Zeroes
- Author: Scott Westerfeld Margo Lanagan Deborah Biancotti
- Language: English
- Series: Zeroes
- Genre: Science fiction
- Publisher: Simon & Schuster
- Publication date: 29 September 2015
- Media type: Print (hardback & paperback)
- ISBN: 1471124908
- OCLC: 939706938
- Followed by: Swarm

= Zeroes (novel) =

2015 novel

Zeroes is a science fiction novel by Scott Westerfeld, Margo Lanagan and Deborah Biancotti. It is the first novel in the Zeroes series.

==Plot==
The book follows six teenagers, all born in the year 2000, who have superpowers with huge drawbacks.

==Reception==
Tasha Robinson of NPR gave a positive review of the book, stating "Zeroes is a trilogy launch, and it openly leaves room for development that's still to come.
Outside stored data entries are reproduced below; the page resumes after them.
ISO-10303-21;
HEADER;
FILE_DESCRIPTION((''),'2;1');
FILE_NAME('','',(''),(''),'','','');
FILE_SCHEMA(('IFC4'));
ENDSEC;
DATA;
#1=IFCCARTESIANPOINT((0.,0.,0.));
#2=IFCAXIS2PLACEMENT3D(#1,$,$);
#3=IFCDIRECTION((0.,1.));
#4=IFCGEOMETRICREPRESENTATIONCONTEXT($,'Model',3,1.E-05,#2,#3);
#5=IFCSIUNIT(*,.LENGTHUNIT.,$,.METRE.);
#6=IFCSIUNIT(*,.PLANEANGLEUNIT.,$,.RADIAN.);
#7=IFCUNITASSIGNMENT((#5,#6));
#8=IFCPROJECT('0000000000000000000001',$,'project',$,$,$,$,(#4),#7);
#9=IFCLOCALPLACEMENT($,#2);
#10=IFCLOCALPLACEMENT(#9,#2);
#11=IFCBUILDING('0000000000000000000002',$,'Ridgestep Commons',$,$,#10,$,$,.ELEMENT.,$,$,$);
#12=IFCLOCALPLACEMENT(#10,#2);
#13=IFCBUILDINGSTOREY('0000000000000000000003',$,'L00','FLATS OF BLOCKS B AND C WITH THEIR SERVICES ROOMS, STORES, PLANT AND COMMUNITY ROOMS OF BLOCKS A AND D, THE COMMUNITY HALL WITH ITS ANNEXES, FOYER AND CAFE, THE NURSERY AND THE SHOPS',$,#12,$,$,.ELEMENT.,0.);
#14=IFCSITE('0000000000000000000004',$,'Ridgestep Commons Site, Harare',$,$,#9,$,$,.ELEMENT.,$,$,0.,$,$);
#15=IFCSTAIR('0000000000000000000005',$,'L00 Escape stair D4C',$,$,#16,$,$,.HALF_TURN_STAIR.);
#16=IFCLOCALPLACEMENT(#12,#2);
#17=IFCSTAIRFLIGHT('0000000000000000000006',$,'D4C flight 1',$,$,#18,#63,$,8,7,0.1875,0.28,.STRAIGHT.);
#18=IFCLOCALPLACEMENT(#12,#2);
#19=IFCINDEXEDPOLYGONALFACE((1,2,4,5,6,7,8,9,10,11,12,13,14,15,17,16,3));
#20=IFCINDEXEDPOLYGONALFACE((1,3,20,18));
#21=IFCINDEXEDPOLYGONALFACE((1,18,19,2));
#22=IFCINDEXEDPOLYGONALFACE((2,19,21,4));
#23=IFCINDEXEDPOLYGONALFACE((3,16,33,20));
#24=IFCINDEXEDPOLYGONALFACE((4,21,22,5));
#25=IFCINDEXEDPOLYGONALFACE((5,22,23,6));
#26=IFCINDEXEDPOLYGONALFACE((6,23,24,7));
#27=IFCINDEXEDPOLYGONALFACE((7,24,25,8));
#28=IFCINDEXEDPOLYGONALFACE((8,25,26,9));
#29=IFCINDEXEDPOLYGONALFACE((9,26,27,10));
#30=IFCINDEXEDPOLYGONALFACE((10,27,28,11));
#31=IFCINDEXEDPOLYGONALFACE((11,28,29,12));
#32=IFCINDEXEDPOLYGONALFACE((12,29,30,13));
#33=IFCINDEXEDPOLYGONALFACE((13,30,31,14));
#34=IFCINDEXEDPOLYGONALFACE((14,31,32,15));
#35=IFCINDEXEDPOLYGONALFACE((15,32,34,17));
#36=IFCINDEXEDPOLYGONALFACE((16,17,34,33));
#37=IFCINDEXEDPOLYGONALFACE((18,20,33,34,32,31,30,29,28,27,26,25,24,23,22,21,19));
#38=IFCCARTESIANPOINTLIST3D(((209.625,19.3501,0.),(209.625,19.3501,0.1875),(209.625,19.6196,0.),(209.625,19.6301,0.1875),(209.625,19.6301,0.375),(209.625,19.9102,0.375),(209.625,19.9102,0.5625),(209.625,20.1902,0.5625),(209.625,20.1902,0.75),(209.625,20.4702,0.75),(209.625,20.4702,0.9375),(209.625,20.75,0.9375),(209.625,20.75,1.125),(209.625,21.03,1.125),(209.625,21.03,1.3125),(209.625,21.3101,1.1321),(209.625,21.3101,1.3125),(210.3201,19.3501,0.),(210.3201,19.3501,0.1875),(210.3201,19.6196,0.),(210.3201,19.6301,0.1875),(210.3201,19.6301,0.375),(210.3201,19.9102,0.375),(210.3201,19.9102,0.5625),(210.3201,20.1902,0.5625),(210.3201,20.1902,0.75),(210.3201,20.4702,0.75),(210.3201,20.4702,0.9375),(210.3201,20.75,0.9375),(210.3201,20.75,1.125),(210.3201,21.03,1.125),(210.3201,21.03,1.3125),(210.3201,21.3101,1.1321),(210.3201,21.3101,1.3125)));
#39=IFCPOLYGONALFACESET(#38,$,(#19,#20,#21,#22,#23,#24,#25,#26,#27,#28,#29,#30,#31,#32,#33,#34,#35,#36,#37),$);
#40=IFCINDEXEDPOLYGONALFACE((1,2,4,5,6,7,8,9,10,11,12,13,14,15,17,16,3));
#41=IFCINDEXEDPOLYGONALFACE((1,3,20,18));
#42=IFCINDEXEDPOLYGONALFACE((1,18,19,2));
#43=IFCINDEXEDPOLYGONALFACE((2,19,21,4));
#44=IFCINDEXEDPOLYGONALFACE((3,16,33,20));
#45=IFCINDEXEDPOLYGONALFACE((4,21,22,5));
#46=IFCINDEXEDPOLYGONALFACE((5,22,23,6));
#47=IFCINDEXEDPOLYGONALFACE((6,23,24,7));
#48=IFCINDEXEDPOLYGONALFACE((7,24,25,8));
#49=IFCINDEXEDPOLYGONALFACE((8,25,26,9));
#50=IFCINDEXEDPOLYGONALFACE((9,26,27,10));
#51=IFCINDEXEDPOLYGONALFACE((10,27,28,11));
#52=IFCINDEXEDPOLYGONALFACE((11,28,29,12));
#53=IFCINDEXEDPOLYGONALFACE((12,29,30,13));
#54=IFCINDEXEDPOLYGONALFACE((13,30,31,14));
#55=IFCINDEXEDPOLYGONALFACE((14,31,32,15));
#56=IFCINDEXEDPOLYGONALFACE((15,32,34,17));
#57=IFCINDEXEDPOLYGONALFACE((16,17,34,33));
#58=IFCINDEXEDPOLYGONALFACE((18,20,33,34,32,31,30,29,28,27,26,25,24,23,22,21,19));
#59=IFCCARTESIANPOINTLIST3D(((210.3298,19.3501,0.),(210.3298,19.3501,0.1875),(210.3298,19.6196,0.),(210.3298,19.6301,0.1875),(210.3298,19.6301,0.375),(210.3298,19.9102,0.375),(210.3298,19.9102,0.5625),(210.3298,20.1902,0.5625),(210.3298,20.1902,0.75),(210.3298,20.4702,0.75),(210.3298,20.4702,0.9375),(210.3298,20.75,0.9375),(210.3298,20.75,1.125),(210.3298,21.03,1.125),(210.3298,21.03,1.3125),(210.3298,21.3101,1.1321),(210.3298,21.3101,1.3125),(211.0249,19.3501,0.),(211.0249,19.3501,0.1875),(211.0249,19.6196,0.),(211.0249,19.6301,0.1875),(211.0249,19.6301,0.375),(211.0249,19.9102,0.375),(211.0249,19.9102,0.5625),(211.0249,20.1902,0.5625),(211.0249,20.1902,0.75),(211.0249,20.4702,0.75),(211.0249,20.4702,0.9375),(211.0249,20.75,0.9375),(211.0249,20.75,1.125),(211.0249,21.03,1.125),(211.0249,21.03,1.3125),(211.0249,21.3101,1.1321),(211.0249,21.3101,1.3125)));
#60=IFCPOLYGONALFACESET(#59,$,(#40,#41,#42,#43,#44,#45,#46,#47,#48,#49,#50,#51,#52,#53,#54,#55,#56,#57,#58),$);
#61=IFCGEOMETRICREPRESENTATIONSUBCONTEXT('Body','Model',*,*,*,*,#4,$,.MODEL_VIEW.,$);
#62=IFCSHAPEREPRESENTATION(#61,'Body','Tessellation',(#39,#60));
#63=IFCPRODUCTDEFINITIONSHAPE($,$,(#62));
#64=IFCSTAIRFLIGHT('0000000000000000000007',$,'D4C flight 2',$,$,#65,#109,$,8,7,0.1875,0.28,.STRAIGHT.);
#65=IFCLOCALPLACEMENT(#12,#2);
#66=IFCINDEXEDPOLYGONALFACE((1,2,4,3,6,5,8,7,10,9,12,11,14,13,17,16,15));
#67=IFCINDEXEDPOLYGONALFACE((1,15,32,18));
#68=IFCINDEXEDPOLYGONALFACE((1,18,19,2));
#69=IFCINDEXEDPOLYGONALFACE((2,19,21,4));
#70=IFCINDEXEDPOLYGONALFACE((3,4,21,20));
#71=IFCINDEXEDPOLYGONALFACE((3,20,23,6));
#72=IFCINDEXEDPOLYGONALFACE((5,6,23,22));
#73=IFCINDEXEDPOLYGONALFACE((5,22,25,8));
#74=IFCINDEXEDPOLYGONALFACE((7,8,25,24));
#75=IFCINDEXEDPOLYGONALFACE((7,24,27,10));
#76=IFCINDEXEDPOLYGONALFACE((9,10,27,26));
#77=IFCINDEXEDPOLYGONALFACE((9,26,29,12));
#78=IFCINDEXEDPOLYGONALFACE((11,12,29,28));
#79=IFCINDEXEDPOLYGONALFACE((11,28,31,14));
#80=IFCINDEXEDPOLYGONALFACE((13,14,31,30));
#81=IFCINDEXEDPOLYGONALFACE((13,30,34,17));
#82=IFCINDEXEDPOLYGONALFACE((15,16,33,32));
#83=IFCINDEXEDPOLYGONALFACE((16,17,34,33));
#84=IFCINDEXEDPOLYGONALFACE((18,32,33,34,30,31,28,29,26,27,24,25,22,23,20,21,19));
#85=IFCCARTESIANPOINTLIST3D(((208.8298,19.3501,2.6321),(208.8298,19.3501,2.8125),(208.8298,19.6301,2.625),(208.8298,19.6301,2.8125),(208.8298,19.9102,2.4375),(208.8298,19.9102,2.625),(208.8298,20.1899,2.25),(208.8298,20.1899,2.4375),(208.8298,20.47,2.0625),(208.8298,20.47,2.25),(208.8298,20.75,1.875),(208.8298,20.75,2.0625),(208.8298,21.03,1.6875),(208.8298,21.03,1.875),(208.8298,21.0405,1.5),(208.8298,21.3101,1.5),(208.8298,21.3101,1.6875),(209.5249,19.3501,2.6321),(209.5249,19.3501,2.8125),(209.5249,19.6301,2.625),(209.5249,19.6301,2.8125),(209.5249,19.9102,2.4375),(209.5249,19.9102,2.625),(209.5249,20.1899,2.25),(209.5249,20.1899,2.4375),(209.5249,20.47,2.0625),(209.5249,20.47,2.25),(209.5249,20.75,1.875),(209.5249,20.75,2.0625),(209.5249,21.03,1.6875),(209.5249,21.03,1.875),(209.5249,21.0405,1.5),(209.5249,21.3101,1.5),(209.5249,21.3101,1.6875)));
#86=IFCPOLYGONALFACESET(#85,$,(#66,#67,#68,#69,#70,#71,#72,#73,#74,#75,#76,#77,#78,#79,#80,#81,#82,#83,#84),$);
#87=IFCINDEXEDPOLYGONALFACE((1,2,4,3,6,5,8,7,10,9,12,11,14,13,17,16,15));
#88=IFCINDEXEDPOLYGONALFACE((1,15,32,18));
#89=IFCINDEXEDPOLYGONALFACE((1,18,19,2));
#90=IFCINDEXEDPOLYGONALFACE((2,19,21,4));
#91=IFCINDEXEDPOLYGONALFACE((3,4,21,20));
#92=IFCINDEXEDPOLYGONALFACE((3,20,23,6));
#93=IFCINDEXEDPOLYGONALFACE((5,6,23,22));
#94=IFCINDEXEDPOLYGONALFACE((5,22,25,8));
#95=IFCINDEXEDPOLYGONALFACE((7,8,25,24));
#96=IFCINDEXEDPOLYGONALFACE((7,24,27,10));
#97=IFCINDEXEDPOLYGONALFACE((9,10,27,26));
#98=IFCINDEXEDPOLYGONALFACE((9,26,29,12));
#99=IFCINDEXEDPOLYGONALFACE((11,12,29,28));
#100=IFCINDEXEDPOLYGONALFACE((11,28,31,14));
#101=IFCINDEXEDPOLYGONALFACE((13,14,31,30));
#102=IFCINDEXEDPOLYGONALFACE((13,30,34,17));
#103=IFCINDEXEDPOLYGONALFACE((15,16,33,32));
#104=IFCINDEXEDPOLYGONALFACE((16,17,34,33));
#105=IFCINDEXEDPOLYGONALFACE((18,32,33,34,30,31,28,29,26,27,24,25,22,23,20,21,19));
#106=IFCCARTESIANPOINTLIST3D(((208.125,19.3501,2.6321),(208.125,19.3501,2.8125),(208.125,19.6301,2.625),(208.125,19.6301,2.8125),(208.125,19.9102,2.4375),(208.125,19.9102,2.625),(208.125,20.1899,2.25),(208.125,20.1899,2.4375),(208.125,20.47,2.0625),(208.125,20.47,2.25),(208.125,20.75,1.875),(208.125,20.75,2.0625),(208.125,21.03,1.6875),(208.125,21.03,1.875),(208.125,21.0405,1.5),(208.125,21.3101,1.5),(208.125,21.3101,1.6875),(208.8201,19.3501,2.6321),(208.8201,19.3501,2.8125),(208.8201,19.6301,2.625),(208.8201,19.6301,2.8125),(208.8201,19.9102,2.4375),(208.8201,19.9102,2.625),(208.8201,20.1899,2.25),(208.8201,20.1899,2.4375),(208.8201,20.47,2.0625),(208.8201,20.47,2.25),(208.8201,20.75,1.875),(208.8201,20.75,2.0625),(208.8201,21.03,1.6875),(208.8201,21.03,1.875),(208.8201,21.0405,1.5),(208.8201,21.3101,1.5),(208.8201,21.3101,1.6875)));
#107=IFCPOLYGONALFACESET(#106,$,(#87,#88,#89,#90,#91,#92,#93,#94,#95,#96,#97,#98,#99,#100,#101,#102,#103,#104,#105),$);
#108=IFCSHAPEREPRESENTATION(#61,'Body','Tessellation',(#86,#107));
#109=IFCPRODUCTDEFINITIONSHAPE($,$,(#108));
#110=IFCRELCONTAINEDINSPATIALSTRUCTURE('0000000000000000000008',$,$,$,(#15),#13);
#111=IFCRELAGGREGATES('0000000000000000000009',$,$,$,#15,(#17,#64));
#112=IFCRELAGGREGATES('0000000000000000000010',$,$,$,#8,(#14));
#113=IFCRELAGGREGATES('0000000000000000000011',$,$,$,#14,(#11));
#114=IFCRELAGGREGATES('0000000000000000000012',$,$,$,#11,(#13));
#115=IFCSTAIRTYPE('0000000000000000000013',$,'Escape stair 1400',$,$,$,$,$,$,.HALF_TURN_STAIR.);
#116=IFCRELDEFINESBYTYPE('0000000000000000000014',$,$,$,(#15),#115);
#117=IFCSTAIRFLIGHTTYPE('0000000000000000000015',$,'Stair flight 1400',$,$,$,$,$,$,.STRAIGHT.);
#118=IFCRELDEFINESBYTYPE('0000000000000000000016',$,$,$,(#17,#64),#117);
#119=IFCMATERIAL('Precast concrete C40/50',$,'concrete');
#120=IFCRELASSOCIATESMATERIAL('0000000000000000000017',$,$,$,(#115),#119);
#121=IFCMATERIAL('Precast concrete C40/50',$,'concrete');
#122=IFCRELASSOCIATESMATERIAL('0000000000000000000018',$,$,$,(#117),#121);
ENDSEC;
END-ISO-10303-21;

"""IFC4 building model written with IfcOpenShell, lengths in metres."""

from ifc_helpers import new_model, si_unit, direction, frame, origin, place, context, subcontext, project, spatial, polyline, outline, extrude, material, type_object, element, aggregate, save


model = new_model("IFC4")

# Units and contexts
model_context = context("Model", 3, precision=1e-05, world=origin(), true_north=direction((0.0, 1.0)))
body_context = subcontext(model_context, "Body", "Model", "MODEL_VIEW")
ifc_project = project(units=[si_unit("LENGTHUNIT", "METRE"), si_unit("PLANEANGLEUNIT", "RADIAN")], contexts=[model_context])

# Site, building, storey
site_placement = place(None, origin())
site = spatial("IfcSite", under=ifc_project, at=site_placement, Name="Ridgestep Commons Site, Harare", CompositionType="ELEMENT", RefElevation=0.0)
building_placement = place(site_placement, origin())
building = spatial("IfcBuilding", under=site, at=building_placement, Name="Ridgestep Commons", CompositionType="ELEMENT")
storey_placement = place(building_placement, origin())
storey = spatial("IfcBuildingStorey", under=building, at=storey_placement, Name="L00", Description="FLATS OF BLOCKS B AND C WITH THEIR SERVICES ROOMS, STORES, PLANT AND COMMUNITY ROOMS OF BLOCKS A AND D, THE COMMUNITY HALL WITH ITS ANNEXES, FOYER AND CAFE, THE NURSERY AND THE SHOPS", CompositionType="ELEMENT", Elevation=0.0)

# Stair, stair flights
ifc_material_1 = material(Name="Precast concrete C40/50", Category="concrete")
stair_type = type_object("IfcStairType", Name="Escape stair 1400", PredefinedType="HALF_TURN_STAIR", material=ifc_material_1)
stair_placement = place(storey_placement, origin())
stair = element("IfcStair", 1, at=stair_placement, inside=storey, type_object=stair_type, Name="L00 Escape stair D4C", PredefinedType="HALF_TURN_STAIR")
ifc_material_2 = material(Name="Precast concrete C40/50", Category="concrete")
stair_flight_type = type_object("IfcStairFlightType", Name="Stair flight 1400", PredefinedType="STRAIGHT", material=ifc_material_2)
stair_flight_1_placement = place(storey_placement, frame((210.325, 19.3501, 0.0), z_axis=(0.0, 0.0, 1.0), x_axis=(0.0, 1.0, 0.0)))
But it also leaves room for a little joy amid the turmoil, and a sense that even limited, troublemaking supernatural abilities would be worth the hassle." Michael Berry of Common Sense Media gave the book four stars out of five, calling it a "Clever but overlong tale of superpowered misfit teens." Kirkus Reviews states "In this series opener by three acclaimed authors, intriguing protagonists and cinematic powers will surely please adventure fans who don't mind an ensemble developed at the expense of the individual."